A contractor who does some work for me is behind in his property taxes and his house is set for Tax Sale at the County. He says his house is paid off and is worth about $200,000. His tax bill is $4000-$5000. I have the funds available to cover his taxes. Is there any creative things I can do to cover his taxes and protect myself so that I get paid back? Not sure I even want to get involved, but if can help him out and protect myself (and even be compensated) then I may consider it. Any comments are welcome.
Ron
If your contractor is behind in his prop taxes, and his home is set for the tax sale, there is not much time to waste.

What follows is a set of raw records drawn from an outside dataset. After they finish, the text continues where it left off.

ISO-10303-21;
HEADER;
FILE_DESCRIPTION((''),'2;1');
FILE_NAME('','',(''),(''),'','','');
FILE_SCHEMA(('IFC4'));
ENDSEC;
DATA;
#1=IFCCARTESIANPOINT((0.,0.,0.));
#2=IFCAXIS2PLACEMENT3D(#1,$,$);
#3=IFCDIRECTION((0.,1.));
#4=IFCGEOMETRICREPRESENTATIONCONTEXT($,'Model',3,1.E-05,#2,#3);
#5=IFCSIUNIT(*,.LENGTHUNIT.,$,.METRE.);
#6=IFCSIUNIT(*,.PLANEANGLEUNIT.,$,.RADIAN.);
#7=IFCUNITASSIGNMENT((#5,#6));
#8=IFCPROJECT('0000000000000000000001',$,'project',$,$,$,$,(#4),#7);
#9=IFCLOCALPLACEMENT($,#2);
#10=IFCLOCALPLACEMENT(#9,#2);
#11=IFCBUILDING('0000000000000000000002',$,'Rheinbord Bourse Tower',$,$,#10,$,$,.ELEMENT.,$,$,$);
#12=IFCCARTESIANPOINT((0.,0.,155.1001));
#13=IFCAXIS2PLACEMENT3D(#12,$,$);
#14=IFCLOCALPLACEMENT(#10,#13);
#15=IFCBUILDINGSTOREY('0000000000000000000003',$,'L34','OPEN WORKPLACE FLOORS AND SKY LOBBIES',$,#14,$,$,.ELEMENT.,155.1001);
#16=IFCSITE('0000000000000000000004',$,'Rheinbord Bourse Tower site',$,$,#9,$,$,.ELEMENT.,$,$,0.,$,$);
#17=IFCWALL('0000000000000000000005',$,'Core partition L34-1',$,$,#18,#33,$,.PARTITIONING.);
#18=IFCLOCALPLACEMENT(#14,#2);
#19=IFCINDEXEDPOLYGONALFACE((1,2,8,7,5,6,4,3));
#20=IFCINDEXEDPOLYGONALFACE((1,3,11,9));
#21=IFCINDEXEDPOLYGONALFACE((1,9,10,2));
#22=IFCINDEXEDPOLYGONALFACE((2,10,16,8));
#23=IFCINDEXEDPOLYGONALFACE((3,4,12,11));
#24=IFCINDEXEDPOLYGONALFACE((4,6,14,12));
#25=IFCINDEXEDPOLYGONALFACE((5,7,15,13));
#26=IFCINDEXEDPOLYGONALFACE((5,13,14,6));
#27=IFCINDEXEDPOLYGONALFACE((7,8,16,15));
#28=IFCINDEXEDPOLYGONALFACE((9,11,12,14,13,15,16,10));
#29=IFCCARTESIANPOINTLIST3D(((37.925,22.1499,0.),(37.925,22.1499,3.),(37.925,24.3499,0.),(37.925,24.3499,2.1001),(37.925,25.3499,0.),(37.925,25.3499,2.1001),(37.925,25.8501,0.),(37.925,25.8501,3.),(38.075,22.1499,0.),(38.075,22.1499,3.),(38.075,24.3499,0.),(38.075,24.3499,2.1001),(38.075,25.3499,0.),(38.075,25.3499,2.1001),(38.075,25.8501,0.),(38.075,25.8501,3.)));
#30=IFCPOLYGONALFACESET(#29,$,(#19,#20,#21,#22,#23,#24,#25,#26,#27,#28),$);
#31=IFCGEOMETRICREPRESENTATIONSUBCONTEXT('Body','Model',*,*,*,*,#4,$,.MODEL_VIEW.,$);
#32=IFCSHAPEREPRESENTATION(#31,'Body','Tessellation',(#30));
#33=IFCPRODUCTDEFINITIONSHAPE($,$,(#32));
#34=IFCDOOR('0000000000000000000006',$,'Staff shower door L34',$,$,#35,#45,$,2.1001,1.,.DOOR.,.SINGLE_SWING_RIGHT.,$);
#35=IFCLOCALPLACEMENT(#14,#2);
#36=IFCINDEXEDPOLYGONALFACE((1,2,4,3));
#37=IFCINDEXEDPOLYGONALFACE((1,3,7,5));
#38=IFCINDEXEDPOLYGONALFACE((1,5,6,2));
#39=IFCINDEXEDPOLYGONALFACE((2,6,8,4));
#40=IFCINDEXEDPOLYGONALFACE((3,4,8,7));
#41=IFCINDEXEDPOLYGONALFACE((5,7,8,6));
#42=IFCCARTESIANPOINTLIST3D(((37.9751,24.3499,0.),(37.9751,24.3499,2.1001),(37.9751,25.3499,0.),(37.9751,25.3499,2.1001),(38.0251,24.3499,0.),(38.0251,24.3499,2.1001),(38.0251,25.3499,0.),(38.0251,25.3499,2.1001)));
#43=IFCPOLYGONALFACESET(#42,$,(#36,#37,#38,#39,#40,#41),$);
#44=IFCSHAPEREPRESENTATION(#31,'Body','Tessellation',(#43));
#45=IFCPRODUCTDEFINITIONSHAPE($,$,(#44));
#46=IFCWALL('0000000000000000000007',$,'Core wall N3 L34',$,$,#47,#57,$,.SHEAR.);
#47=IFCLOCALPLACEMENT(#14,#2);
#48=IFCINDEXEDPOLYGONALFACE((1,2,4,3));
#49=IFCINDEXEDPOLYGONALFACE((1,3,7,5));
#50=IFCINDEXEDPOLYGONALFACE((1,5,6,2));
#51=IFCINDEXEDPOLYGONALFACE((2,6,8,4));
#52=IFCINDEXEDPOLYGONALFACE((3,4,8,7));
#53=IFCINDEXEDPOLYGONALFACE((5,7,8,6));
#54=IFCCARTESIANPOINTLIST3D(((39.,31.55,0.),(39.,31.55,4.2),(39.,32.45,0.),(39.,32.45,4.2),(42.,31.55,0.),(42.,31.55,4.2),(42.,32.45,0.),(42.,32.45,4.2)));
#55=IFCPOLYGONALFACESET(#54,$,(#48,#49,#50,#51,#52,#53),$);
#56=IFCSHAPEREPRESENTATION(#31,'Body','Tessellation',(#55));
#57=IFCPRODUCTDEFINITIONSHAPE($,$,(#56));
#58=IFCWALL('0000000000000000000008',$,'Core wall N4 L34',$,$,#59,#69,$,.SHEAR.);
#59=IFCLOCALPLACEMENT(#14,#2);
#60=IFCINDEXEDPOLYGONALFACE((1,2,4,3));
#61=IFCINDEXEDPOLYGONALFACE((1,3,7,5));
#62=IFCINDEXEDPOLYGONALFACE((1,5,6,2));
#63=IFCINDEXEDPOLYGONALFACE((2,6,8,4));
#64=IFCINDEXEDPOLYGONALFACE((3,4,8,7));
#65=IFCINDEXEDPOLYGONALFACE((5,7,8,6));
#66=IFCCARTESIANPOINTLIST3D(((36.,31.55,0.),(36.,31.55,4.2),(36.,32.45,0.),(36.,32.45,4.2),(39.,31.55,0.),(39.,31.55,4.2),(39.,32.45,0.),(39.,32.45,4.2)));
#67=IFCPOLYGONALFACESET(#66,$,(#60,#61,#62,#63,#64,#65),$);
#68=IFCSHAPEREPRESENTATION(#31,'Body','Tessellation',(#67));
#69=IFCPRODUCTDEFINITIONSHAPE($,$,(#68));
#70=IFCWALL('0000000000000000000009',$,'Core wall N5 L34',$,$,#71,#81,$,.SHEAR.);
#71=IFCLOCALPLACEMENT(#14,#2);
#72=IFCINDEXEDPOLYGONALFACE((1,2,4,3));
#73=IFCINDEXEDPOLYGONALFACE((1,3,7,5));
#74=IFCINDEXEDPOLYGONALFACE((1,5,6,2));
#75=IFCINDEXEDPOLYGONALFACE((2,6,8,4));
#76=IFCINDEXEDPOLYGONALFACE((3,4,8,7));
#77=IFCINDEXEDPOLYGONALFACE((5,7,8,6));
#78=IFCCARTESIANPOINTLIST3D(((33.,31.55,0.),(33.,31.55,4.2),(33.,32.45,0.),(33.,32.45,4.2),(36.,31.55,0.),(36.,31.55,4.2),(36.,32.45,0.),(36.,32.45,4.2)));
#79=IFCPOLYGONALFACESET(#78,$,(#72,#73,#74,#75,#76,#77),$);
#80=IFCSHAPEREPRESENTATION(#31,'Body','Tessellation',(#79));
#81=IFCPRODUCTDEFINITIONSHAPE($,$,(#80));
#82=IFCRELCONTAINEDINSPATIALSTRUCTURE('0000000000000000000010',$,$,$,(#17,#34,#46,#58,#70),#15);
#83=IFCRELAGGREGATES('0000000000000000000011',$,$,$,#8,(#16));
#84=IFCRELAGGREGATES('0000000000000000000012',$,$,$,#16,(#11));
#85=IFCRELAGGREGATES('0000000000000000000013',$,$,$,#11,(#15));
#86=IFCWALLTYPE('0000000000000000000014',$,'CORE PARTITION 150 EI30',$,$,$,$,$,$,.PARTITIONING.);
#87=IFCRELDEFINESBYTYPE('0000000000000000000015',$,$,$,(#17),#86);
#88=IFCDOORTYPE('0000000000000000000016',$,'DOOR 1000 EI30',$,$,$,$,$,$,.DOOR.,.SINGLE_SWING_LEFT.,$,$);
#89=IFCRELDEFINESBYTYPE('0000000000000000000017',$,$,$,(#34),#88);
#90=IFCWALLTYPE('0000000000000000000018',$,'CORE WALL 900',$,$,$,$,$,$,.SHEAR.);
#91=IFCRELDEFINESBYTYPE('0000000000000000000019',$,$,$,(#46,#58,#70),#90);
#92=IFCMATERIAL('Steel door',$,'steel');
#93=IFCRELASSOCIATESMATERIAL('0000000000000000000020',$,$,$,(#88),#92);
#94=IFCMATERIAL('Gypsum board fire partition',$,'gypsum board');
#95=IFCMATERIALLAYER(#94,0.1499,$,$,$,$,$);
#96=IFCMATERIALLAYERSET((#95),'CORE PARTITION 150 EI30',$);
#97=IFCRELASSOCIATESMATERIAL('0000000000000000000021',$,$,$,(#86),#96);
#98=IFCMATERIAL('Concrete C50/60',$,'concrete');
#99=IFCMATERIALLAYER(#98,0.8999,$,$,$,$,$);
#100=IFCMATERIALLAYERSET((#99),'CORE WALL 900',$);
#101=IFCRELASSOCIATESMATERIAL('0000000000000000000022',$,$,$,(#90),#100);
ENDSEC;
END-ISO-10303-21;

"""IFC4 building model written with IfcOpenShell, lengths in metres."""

from ifc_helpers import new_model, si_unit, direction, frame, frame_2d, origin, place, context, subcontext, project, spatial, rectangle, extrude, material, layer, layer_set, type_object, element, fill, save


model = new_model("IFC4")

# Units and contexts
model_context = context("Model", 3, precision=1e-05, world=origin(), true_north=direction((0.0, 1.0)))
body_context = subcontext(model_context, "Body", "Model", "MODEL_VIEW")
ifc_project = project(units=[si_unit("LENGTHUNIT", "METRE"), si_unit("PLANEANGLEUNIT", "RADIAN")], contexts=[model_context])

# Site, building, storey
site_placement = place(None, origin())
site = spatial("IfcSite", under=ifc_project, at=site_placement, Name="Rheinbord Bourse Tower site", CompositionType="ELEMENT", RefElevation=0.0)
building_placement = place(site_placement, origin())
building = spatial("IfcBuilding", under=site, at=building_placement, Name="Rheinbord Bourse Tower", CompositionType="ELEMENT")
storey_placement = place(building_placement, frame((0.0, 0.0, 155.1001)))
storey = spatial("IfcBuildingStorey", under=building, at=storey_placement, Name="L34", Description="OPEN WORKPLACE FLOORS AND SKY LOBBIES", CompositionType="ELEMENT", Elevation=155.1001)

# Shared definitions
ifc_material_1 = material(Name="Steel door", Category="steel")
door_type_1 = type_object("IfcDoorType", Name="DOOR 1000 EI30", OperationType="SINGLE_SWING_LEFT", PredefinedType="DOOR", material=ifc_material_1)

# Wall, opening, door
ifc_material_2 = material(Name="Gypsum board fire partition", Category="gypsum board")
ifc_layer_1 = layer(ifc_material_2, 0.1499)
ifc_layer_set_1 = layer_set([ifc_layer_1], Name="CORE PARTITION 150 EI30")
wall_type_1 = type_object("IfcWallType", Name="CORE PARTITION 150 EI30", PredefinedType="PARTITIONING", material=ifc_layer_set_1)
wall_1_placement = place(storey_placement, frame((38.0, 22.1499, 0.0), z_axis=(0.0, 0.0, 1.0), x_axis=(0.0, 1.0, 0.0)))
wall_1 = element("IfcWall", 1, at=wall_1_placement, inside=storey, type_object=wall_type_1, Name="Core partition L34-1", PredefinedType="PARTITIONING", context=body_context, shape_type="SweptSolid", body=[
    extrude(rectangle(XDim=3.7002, YDim=0.1499, at=frame_2d((1.8501, 0.0))), origin(), (0.0, 0.0, 1.0), 3.0),
])
opening_1_placement = place(wall_1_placement, frame((2.2, 0.0, 0.0)))
opening_1 = element("IfcOpeningElement", 2, at=opening_1_placement, cuts=wall_1, PredefinedType="OPENING", context=body_context, shape_type="SweptSolid", body=[
    extrude(rectangle(XDim=1.0, YDim=2.1001, at=frame_2d((0.5, 1.05))), frame((0.0, 0.085, 0.0), z_axis=(0.0, -1.0, 0.0), x_axis=(1.0, 0.0, 0.0)), (0.0, 0.0, 1.0), 0.1699),
])
door_1_placement = place(opening_1_placement, origin())
door_1 = element("IfcDoor", 3, at=door_1_placement, inside=storey, type_object=door_type_1, Name="Staff shower door L34", OperationType="SINGLE_SWING_RIGHT", OverallHeight=2.1001, OverallWidth=1.0, PredefinedType="DOOR", context=body_context, shape_type="SweptSolid", body=[
    extrude(rectangle(XDim=1.0, YDim=2.1001, at=frame_2d((0.5, 1.05))), frame((0.0, 0.0249, 0.0), z_axis=(0.0, -1.0, 0.0), x_axis=(1.0, 0.0, 0.0)), (0.0, 0.0, 1.0), 0.05),
])
fill(opening_1, door_1)

# Walls
ifc_material_3 = material(Name="Concrete C50/60", Category="concrete")
ifc_layer_2 = layer(ifc_material_3, 0.8999)
ifc_layer_set_2 = layer_set([ifc_layer_2], Name="CORE WALL 900")
wall_type_2 = type_object("IfcWallType", Name="CORE WALL 900", PredefinedType="SHEAR", material=ifc_layer_set_2)
for number, where, z_axis, x_axis, name in (
    (4, (42.0, 32.0, 0.0), (0.0, 0.0, 1.0), (-1.0, 0.0, 0.0), "Core wall N3 L34"),
    (5, (39.0, 32.0, 0.0), (0.0, 0.0, 1.0), (-1.0, 0.0, 0.0), "Core wall N4 L34"),
    (6, (36.0, 32.0, 0.0), (0.0, 0.0, 1.0), (-1.0, 0.0, 0.0), "Core wall N5 L34"),
):
    element("IfcWall", number, at=place(storey_placement, frame(where, z_axis=z_axis, x_axis=x_axis)), inside=storey, type_object=wall_type_2, Name=name, PredefinedType="SHEAR", context=body_context, shape_type="SweptSolid", body=[
        extrude(rectangle(XDim=3.0, YDim=0.8999, at=frame_2d((1.5, 0.0))), origin(), (0.0, 0.0, 1.0), 4.2),
    ])

save(model, "model.ifc")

his house may be paid off, but that is really of no importance…
yes, there is creative things that you can do to cover his taxes and protect yourself… when you purchase the tax lien, you are always guaranteed your monies back in return, or the property in rare instances…

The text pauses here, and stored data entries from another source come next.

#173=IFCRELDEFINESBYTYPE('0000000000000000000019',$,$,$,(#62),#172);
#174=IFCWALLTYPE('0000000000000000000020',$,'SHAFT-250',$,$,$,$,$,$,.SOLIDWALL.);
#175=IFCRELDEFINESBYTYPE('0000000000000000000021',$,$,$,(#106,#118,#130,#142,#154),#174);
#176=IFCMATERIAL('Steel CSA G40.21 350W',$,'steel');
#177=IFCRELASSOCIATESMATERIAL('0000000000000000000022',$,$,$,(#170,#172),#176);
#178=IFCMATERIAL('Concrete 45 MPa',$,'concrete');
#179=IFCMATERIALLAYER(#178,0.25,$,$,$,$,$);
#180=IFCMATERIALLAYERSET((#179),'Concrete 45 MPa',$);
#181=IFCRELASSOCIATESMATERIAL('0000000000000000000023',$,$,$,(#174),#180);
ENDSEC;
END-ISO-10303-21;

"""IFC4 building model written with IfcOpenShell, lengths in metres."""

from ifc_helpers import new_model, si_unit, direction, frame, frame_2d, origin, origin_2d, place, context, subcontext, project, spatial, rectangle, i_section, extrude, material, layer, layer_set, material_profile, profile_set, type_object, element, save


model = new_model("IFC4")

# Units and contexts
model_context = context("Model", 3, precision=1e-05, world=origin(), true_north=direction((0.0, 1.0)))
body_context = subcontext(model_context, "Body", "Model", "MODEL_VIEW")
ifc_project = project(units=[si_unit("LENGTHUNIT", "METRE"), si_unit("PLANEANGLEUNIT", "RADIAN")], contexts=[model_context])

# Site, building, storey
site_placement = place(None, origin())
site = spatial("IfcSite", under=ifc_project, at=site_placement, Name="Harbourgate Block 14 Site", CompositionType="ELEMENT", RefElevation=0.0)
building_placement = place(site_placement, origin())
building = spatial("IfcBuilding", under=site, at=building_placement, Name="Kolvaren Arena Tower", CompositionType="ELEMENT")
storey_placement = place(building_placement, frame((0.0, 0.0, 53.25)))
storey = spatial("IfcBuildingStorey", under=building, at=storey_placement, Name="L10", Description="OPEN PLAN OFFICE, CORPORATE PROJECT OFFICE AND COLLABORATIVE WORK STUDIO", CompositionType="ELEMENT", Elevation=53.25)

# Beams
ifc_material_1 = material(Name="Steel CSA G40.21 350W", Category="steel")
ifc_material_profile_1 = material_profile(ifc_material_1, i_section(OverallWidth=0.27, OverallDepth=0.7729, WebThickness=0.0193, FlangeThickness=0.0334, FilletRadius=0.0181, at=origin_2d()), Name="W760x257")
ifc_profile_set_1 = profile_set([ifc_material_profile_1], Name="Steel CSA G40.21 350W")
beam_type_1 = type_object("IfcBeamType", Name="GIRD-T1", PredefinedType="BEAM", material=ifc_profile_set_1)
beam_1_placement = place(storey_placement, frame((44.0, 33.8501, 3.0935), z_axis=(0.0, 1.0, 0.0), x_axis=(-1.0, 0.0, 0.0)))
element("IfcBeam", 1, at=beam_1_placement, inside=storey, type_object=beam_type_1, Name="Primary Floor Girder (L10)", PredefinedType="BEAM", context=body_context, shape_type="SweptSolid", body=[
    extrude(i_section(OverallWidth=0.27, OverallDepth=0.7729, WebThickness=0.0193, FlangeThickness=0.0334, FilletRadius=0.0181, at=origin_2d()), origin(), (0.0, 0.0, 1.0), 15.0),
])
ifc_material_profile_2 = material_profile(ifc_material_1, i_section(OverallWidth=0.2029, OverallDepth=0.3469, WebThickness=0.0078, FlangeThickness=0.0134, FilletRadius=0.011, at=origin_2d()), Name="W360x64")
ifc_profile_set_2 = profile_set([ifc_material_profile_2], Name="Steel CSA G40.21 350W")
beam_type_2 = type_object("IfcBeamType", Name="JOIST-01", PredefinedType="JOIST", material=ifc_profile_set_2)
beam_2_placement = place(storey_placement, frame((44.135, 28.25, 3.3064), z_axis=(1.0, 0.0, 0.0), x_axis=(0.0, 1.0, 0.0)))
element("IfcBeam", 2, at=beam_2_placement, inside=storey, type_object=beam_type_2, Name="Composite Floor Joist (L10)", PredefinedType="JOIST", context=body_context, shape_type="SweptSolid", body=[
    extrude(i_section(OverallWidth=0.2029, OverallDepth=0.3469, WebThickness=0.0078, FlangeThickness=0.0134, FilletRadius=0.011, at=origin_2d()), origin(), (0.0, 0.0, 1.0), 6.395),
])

first of all… who is this “contractor” who is behind in his prop taxes???.. and why has he allowed his prop to be set for tax sale??? (( usually it may be ignorance or apathy ))
if his house is worth $200,000… why can’t he come up with the needed $4,000 (( skeptical in my book ))
My avenue would be to purchase the lien on the home… if it is paid off (I still make monies)… IF IT IS NOT (I own the house) … not too much too loose
Good Luck
Thanks for the reply. First, maybe I used the term contractor loosely. He mainly works as a sub and is not the sharpest knife in the drawer, but he does do good, inexpensive work on my rentals. Not sure how he got behind but most likely poor money skills.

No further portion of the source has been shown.